Meg: When you were still working on your PhD, were you aware of the industry standards for applied statistics?

Dirk: Yes, absolutely. I studied statistical design of experiments in my second year of graduate studies. But the only thing I remember was those cubes and that they were supposed to help me get more results with less experiments. Everything else I didn't understand because the course was so focused on equations and heavy math. Of course, I studied chemical engineering, so it's not that we weren’t good with math but [stats just wasn’t that interesting]. I knew there was an Excel plugin, but I wasn't aware of the existence of a specialized software.

I was also teaching stats to some extent during my PhD – teaching things like error propagation, which was quite important, for example.
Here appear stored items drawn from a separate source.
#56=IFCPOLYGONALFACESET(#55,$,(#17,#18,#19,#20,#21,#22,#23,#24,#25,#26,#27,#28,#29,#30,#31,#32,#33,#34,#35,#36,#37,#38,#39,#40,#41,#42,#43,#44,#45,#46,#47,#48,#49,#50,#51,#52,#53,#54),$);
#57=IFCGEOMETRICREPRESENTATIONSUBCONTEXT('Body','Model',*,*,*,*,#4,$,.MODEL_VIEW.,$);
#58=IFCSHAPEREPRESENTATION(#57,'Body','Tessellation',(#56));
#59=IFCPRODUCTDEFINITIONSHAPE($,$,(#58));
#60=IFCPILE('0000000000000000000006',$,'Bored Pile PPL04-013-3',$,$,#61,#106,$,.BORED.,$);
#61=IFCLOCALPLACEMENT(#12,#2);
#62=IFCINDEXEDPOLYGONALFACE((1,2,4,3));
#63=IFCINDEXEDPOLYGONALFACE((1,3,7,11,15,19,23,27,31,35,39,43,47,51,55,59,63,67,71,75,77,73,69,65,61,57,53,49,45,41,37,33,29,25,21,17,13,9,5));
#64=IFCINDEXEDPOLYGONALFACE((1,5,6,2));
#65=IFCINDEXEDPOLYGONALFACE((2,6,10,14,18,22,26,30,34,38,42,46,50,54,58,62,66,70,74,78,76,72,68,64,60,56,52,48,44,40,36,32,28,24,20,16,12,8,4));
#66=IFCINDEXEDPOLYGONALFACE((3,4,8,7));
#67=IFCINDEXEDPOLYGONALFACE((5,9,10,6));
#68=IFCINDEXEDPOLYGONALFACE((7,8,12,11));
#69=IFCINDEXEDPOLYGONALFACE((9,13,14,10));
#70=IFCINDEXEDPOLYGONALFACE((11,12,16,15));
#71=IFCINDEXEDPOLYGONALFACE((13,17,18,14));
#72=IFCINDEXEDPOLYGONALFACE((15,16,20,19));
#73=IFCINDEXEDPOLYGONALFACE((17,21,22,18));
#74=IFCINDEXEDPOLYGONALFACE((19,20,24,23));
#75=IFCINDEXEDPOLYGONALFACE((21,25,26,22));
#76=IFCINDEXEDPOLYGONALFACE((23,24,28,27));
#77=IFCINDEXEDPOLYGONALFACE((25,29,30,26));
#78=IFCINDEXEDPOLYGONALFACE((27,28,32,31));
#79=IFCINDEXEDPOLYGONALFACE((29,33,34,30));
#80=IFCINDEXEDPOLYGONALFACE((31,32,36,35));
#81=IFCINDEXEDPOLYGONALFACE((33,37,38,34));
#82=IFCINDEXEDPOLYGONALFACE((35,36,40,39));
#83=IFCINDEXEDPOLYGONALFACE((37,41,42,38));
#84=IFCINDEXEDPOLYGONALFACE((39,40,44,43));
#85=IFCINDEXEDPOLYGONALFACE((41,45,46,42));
The hardest thing was always explaining to students why they shouldn’t use the standard bars you get as error bars in Excel. And I think this actually does a lot of damage at universities as well, using error bars in Excel. It completely skews the concept of understanding the statistics behind it.

Meg: You talked a little bit about how getting access to JMP was something of a turning point in your career. I’m wondering if you could speak more about how you’ve gotten value from the resources and relationship with JMP – beyond the software itself.
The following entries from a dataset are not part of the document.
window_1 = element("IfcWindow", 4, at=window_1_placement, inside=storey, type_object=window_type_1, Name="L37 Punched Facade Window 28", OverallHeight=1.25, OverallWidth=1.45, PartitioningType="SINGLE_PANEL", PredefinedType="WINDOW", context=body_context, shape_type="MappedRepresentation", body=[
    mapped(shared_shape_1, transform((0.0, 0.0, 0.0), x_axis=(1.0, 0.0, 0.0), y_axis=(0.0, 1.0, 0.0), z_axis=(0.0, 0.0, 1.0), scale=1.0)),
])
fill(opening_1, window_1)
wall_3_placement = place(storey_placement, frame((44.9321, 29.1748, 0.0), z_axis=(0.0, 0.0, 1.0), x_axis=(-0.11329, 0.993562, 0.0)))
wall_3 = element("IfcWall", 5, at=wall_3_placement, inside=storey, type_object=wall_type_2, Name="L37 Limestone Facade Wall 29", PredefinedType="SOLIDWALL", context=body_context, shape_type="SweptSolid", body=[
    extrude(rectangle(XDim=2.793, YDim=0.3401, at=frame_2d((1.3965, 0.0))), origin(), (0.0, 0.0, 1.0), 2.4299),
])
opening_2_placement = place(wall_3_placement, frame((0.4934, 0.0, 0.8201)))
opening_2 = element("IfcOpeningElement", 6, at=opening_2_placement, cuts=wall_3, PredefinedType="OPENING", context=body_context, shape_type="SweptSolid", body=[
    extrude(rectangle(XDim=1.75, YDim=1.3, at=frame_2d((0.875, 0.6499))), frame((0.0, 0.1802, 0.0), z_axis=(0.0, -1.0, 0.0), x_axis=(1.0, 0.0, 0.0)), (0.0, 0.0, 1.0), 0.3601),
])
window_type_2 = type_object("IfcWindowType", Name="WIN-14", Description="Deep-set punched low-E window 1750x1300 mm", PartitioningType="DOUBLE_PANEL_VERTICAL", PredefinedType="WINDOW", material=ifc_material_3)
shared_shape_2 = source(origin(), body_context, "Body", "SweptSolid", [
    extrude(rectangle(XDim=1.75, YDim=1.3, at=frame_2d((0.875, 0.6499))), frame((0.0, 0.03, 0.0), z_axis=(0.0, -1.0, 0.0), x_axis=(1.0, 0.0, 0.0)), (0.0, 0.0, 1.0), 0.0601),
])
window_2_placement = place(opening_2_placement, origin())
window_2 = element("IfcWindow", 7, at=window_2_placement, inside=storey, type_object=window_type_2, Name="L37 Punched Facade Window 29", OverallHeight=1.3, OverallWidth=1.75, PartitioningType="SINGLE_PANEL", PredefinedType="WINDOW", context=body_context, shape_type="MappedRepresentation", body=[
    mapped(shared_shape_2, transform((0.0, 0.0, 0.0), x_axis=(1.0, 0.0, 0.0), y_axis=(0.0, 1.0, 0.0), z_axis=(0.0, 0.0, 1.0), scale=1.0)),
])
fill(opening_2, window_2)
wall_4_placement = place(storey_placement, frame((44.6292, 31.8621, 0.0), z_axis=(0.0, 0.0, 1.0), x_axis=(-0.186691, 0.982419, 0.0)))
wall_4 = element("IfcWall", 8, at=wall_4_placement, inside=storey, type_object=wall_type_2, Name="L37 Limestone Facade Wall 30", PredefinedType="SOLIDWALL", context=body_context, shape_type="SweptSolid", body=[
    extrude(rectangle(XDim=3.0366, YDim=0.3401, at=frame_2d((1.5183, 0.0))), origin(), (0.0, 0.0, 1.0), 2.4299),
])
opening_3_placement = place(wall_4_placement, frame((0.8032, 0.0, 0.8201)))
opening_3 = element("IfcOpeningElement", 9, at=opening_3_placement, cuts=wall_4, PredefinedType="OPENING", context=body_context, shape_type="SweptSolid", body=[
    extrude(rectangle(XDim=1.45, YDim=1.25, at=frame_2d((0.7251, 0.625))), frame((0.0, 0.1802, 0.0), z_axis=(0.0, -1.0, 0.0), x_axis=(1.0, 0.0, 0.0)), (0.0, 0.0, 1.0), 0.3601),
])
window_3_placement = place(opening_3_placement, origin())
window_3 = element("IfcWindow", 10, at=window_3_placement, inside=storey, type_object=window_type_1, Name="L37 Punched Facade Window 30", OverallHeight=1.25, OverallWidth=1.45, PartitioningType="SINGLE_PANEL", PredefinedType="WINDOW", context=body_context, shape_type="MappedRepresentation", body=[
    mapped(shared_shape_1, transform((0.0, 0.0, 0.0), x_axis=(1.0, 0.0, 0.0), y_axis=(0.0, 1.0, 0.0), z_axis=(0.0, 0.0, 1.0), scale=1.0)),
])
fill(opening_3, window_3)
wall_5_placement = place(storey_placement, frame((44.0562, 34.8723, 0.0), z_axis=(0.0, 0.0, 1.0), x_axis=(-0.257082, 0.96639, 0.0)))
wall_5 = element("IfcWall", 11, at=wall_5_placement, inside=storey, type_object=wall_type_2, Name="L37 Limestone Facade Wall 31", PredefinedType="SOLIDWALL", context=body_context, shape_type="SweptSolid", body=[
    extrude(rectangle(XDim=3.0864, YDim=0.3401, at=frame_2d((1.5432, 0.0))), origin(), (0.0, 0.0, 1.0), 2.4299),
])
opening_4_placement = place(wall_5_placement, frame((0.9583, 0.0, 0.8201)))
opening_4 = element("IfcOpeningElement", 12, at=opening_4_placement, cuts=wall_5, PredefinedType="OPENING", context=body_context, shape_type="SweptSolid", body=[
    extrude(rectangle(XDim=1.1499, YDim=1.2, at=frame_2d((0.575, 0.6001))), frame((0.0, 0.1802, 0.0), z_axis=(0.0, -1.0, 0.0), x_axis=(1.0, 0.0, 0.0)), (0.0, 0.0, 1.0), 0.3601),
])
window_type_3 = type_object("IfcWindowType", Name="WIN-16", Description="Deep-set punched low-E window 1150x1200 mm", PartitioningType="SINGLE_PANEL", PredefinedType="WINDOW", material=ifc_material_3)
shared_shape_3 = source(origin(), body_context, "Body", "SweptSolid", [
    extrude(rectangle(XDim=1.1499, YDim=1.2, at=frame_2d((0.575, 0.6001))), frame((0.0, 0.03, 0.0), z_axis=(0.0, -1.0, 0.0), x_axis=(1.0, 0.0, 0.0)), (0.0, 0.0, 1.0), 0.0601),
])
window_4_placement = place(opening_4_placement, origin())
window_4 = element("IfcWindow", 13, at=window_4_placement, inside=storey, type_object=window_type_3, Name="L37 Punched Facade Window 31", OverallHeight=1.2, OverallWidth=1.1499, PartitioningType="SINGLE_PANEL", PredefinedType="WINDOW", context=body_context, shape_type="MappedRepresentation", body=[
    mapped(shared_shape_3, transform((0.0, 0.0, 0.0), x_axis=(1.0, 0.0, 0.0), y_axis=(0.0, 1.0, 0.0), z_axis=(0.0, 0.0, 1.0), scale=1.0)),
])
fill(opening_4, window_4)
Dirk: The annual highlight for me is always Discovery Summit, because when I’m there I’m amongst lots of people who share the excitement of discovering information in data and learning about new use cases, possibilities, and ideas. I usually come back from Discovery Summit with a book full of new ideas to test with my data, or data I haven't used yet but know the use cases for. That's definitely the highlight.

One thing I realized when I stepped into a coaching role here at Syngenta is that there are, of course, people who don’t know JMP exists, but even worse is that there are quite a few people know it exists but don't know about all the support they could be getting. They don't know that there's so much more to JMP … it’s not just a software off the shelf.
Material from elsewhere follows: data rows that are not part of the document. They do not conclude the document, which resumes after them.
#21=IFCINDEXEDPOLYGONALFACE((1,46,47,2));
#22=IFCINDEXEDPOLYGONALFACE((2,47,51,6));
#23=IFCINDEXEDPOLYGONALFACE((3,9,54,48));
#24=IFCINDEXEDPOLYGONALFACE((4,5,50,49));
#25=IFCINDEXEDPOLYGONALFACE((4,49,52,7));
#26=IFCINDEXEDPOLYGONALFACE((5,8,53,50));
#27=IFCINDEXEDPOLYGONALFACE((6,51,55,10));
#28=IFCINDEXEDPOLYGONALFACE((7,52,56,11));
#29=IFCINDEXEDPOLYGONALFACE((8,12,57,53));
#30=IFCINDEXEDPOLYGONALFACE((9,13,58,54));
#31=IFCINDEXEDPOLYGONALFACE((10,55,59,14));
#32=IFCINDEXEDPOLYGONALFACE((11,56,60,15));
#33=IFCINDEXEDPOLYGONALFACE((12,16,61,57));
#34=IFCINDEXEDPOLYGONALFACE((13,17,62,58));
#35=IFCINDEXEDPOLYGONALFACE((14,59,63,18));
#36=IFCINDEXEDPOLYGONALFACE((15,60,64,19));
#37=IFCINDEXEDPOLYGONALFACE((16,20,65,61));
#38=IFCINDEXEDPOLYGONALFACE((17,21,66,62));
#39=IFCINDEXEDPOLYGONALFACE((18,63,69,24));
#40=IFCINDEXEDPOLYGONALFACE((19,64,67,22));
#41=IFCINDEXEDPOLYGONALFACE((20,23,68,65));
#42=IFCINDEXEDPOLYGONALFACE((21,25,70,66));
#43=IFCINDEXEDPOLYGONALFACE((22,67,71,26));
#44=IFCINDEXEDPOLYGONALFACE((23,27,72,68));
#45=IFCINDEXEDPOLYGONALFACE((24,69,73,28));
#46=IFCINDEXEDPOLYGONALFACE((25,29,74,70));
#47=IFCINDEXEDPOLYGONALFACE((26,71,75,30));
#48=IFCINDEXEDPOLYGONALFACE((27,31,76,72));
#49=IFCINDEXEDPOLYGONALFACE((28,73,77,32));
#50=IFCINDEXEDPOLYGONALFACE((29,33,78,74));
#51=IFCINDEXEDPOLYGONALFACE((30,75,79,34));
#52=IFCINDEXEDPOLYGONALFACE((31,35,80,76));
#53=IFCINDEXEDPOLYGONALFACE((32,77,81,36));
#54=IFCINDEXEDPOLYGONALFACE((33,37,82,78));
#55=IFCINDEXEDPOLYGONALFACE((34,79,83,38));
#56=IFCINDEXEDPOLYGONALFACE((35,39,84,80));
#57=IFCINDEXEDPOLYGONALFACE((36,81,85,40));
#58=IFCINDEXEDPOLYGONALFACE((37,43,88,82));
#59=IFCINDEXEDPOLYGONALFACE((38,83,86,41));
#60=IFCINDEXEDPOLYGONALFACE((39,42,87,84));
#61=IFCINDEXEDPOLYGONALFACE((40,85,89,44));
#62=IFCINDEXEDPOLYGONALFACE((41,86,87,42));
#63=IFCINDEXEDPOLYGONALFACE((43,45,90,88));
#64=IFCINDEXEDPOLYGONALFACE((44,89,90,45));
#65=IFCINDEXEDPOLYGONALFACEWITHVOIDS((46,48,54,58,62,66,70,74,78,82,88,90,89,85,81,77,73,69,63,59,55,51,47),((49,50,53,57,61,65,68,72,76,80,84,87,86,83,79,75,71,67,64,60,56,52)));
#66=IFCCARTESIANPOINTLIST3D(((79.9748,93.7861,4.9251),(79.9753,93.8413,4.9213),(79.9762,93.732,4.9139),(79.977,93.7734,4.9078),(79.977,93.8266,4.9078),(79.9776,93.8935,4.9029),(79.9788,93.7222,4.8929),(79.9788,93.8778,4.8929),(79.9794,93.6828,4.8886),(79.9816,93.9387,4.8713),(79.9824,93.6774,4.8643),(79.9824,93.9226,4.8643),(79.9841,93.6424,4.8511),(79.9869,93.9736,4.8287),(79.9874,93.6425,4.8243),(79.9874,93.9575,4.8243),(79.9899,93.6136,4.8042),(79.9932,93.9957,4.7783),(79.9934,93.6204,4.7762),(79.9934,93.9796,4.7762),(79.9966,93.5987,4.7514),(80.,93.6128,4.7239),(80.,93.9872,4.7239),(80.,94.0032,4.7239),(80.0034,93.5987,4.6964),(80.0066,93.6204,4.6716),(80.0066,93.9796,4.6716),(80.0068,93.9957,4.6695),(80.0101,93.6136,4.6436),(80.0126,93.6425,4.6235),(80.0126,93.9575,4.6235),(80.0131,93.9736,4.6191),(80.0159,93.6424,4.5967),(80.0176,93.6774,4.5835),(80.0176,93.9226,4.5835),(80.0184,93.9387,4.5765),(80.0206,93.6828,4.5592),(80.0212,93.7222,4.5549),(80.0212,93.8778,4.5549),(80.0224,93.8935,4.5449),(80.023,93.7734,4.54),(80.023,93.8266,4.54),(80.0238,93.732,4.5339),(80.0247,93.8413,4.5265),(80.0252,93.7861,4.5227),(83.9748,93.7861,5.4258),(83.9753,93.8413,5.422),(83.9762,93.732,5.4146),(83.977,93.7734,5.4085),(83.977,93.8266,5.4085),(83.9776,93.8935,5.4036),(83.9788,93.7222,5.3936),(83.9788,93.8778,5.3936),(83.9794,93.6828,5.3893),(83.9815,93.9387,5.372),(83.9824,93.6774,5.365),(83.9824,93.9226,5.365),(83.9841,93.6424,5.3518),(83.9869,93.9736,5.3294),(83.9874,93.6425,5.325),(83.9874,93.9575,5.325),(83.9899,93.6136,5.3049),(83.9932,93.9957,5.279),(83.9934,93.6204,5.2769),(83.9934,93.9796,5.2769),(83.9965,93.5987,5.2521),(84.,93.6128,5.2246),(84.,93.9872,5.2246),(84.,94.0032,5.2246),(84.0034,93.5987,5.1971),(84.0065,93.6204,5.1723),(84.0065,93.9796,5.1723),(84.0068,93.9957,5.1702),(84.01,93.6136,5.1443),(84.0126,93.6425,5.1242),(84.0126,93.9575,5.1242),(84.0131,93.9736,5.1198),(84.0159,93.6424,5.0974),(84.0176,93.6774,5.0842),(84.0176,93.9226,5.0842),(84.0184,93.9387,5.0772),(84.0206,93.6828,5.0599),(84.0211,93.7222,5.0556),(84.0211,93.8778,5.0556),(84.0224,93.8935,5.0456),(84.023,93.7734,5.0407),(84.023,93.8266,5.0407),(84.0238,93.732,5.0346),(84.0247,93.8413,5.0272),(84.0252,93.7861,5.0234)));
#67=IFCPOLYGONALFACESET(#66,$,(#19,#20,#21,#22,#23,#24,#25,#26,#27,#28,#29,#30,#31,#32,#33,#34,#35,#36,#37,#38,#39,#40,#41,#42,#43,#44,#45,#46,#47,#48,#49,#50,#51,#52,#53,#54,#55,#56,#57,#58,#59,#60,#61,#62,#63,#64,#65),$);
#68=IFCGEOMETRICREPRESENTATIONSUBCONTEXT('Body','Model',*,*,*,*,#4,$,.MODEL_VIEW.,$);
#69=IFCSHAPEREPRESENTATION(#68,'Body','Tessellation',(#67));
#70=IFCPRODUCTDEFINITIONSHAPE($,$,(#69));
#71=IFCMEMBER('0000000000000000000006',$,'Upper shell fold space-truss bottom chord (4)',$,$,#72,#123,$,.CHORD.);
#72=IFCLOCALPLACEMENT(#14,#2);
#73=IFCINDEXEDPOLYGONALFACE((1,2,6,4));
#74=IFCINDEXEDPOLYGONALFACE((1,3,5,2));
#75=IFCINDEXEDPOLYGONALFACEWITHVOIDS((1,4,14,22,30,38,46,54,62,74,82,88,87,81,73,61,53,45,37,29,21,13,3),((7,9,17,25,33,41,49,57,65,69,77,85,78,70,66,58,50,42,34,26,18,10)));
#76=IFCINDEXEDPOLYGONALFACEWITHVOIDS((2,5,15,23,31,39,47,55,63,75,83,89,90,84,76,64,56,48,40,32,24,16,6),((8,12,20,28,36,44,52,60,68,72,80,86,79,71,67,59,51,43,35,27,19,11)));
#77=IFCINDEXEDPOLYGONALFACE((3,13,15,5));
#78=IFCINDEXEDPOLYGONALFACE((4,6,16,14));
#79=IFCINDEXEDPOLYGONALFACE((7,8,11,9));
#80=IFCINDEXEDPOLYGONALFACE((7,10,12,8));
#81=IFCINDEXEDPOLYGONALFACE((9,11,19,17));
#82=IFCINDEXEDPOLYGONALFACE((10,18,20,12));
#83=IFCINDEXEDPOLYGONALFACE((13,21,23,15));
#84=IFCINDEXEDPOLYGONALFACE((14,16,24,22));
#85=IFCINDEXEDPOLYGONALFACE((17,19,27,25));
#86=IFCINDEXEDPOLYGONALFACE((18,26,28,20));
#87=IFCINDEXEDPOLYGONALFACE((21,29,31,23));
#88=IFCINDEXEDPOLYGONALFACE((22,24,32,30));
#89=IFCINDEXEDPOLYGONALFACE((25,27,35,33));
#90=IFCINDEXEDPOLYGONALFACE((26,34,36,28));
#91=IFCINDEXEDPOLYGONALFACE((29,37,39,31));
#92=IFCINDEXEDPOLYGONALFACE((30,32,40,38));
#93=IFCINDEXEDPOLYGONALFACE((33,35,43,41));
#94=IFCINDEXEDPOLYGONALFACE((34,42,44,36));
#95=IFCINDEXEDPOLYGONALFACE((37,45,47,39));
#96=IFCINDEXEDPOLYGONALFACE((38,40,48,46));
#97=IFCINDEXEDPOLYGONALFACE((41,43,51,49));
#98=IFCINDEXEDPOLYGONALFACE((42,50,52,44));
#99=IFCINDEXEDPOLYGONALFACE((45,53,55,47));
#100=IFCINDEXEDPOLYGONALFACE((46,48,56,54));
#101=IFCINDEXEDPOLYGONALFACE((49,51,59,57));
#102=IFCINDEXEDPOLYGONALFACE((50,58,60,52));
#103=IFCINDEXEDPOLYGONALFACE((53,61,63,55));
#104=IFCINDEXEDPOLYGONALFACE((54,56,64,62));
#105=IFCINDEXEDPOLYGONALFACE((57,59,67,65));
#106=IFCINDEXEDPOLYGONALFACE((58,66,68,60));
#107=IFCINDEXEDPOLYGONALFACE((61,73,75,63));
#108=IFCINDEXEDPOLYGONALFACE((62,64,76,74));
Meg: What do you think is the most important advice to give someone who is just starting off with JMP?

Dirk: I always tell people when they start [using JMP for the first time] to spend that first hour discovering the magic behind the red triangles. If you miss that, you miss the point! Of course, there’s also that one-hour "Getting Started" on-demand training, which also motivated me to look into the Mastering JMP series.

Mastering JMP is what got me really excited about applying what I was learning to my own data. As for the Community, I usually just use it as a look-up resource. It's a good way to find out how others did things [when faced with a similar data challenge].

So: Discover the magic about red triangles and pick at least three sessions from the Mastering JMP series. That’s a good place to start.

For me now as an ambassador or advocate at Syngenta, I’m facing Karpman’s Drama Triangle. When someone comes to me asking whether something can be done in JMP, I always must decide: Am I going to be the rescuer, or am I going to be the coach? And my decision – whether I'm going to do it for them or coach them to do it themself – influences whether they are going to be the victim who always needs help, or the survivor who learns and then can survive and propagate knowledge on their own.

Whenever possible, I try to take on the coaching role rather than that of the rescuer. But it's sometimes really hard when you know something is just two clicks away and it’s taking someone three weeks to discover it!

Meg: What advice would you give to students hoping to pursue a career in industry as you've done?

Dirk: Forget the equations – they're done in the background – and focus on riding the data wave in JMP. Go with the flow.

Maybe I’ll also add one more thing. I would really recommend that students take the time to go through the Statistical Thinking for Industrial Problem Solving (STIPS) program because as a student, you're still used to having a series of lessons that might only make sense at the end. And running through that course is a good investment to not only get trained but to also shape the way you think. For a student, this is almost a must-do.